Goodbye GDP, Hello MELI

“There have been thousands of attempts to replace GDP as the measure of well-being, and they’ve all failed,” said Dr. Jonathan Andreas, professor of economics.

Despite understanding the uphill battle he is undertaking, Andreas is also attempting to change the way economists and world leaders measure well-being because he realizes the climb is necessary. For years, Gross Domestic Product (GDP), despite its flaws, has been the standard measurement of well-being, but Andreas recently presented his original research in an effort to sway world leaders and fellow economists toward another standard—MELI.

MELI stands for Median Expected Lifetime Income, and Andreas developed the formula as a simpler and more accurate measure of well-being.

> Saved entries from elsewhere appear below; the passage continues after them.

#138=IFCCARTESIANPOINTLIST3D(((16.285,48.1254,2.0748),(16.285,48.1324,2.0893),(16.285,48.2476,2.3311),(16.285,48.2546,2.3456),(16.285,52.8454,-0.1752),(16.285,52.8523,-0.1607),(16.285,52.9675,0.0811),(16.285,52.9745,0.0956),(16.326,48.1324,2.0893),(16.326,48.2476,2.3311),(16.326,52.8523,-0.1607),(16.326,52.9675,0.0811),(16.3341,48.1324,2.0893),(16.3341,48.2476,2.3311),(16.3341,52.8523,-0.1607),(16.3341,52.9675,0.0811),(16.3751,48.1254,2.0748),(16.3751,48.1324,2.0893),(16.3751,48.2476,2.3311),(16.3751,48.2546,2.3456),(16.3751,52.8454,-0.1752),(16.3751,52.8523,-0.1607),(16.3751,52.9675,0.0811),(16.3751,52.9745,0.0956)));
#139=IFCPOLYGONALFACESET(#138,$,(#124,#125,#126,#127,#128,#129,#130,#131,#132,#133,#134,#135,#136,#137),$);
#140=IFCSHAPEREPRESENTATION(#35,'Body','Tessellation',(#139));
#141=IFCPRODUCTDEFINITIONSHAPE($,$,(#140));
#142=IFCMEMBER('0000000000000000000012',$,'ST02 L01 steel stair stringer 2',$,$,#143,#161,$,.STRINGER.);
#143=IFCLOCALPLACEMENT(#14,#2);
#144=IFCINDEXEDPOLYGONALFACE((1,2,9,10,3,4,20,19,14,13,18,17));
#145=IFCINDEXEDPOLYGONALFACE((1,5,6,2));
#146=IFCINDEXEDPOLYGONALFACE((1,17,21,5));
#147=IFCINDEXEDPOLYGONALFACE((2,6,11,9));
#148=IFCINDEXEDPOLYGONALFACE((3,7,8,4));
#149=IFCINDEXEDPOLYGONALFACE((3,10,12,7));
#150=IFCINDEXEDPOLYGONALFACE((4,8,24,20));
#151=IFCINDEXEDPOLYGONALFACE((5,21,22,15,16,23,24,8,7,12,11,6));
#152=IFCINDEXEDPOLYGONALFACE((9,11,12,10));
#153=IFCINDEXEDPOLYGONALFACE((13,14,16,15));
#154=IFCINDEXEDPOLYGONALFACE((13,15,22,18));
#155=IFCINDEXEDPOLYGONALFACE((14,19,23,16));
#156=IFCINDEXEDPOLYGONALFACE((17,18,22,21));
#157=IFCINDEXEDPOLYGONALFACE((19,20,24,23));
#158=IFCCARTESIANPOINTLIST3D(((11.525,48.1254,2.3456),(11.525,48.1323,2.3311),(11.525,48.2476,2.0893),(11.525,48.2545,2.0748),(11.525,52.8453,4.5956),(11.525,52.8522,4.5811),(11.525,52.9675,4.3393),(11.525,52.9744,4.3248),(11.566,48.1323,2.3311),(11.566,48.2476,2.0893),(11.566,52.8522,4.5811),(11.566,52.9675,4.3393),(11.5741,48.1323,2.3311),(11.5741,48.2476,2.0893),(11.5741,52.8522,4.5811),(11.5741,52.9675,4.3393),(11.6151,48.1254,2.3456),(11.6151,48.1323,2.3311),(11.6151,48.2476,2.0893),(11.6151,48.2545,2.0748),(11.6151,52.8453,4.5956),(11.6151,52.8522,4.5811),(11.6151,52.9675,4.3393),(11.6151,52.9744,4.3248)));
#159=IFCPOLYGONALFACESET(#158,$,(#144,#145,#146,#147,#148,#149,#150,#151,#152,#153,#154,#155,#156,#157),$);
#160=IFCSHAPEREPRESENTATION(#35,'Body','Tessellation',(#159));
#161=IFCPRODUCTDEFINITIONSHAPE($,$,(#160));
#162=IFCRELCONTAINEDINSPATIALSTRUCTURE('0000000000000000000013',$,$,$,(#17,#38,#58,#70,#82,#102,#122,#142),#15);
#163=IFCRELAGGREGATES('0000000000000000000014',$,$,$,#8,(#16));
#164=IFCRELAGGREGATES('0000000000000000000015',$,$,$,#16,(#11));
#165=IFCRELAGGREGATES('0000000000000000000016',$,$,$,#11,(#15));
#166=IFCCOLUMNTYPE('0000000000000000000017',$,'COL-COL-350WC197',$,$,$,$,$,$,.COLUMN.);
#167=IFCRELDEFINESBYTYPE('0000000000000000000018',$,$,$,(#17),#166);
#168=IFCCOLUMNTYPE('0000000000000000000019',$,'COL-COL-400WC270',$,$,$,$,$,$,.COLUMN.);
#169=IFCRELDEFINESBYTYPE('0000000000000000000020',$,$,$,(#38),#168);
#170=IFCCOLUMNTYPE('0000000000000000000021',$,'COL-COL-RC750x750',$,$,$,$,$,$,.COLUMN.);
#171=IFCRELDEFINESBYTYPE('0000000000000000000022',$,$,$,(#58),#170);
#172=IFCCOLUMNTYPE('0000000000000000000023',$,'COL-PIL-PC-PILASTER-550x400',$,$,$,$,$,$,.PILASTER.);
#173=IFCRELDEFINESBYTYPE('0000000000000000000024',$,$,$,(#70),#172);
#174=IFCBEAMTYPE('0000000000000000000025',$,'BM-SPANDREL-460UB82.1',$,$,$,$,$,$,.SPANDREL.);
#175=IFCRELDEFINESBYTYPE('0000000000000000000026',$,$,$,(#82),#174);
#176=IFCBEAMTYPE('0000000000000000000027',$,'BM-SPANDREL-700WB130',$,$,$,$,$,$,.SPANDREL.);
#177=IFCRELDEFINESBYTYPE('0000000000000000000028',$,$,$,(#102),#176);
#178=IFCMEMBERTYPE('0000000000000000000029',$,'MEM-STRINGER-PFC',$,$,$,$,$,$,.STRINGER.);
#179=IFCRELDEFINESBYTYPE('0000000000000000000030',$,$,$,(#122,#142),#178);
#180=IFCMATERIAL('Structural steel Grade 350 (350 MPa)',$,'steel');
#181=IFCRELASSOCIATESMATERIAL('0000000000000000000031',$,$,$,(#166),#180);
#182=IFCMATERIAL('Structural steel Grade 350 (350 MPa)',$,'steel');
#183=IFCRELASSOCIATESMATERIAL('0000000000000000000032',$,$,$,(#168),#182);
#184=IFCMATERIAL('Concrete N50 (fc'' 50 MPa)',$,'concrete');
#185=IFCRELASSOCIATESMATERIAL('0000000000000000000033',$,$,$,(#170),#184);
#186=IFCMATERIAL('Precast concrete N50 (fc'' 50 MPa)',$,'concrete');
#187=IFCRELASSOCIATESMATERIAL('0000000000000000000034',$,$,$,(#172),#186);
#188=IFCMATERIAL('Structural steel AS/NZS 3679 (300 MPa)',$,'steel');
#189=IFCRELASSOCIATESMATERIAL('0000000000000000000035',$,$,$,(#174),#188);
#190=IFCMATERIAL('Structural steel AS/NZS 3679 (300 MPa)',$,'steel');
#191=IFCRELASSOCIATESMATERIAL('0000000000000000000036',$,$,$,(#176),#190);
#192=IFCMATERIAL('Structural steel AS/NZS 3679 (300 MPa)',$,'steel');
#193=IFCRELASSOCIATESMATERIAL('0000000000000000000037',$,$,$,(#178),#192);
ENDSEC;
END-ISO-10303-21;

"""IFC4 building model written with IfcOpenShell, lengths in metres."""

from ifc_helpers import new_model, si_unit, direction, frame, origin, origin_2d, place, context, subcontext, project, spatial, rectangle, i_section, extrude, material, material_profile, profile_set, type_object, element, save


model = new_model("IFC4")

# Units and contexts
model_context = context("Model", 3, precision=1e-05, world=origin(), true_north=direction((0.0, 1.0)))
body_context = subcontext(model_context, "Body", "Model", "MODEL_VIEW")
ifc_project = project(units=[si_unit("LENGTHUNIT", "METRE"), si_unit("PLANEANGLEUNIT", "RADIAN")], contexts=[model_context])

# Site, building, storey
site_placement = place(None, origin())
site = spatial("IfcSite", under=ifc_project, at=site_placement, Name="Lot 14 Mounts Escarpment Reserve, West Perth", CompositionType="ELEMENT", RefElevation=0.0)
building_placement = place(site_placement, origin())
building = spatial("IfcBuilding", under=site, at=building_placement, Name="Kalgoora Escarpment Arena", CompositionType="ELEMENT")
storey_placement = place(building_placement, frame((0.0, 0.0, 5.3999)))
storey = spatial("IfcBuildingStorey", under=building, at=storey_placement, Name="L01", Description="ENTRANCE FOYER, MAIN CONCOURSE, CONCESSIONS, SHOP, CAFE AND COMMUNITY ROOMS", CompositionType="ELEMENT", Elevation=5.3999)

“I absolutely think MELI has the potential to improve lives. Economists agree GDP is a bad measure. The problem is nobody has been able to agree upon a better measure,” said Andreas. “If we were just using a better measure, which MELI is, it would have an enormous effect on how we think about minimum wage, monetary policies, taxation, environmental regulation and even recessions. If policymakers were paying attention to a better measure than GDP, we would have better policies and that would trickle down to the average American.”

Andreas traveled to South Korea at the end of April to present this research at the International Association for Research in Income and Wealth conference. Power players from agencies including the International Monetary Fund, the World Bank and the Bureau of Economic Analysis were in attendance.

“A couple of people have expressed interest in collaborating on this topic including somebody at the World Bank and somebody at the United Nations. They have resources that I don’t have that would be really useful. They have data on every country in the world, and it’s the data I need,” said Andreas.

Andreas is currently using data models developed by Bluffton students including Matthew McCoy ’15 and Jake Headings ’16 through a super-computing grant Dr. Stephen Harnish, professor of mathematics,received from the National Center for Supercomputing Applications. The topic is discussed in his undergraduate and graduate classes.

Jonathan Andreas in South KoreaAbout 75 economists attended Andreas’ plenary  session at the conference which was hosted by the  Bank of Korea. The conference theme was “Beyond  GDP: Past Experiences and Future Challenges in the  Measurement of Economic Well-Being.”

“Compared with GDP, MELI is a relatively cheap and  easy thing to measure, but this is not a one-person change. This is a social process. This is a  paradigm shift. If I can get a couple of people in a couple of bureaucracies to start working on this, it  could take off."

MELI is measured by adding up the median income for every age group in the population weighed by the probability of survival to each specific age. It is an expected value of how much a newborn would earn in a lifetime, if economic conditions persisted as they are in the current year.

Andreas says the United States has let middle-class incomes stagnate due to rising inequality, in part, because we haven’t been paying enough attention to middle-class income.

“Intergenerational mobility is plummeting. During our parents’ generation, almost everyone became more prosperous than their parents,” said Andreas. “In our generation, that’s not happening.”

Andreas believes MELI would help provide a reality check because its data would provide a standard definition for the middle class—it could be statistically mapped out. He also believes using MELI could help motivate policymakers to stem rising inequality in the United States.

Since his return from the conference, Andreas continues to push for MELI. He is currently reviewing feedback and is revising his research.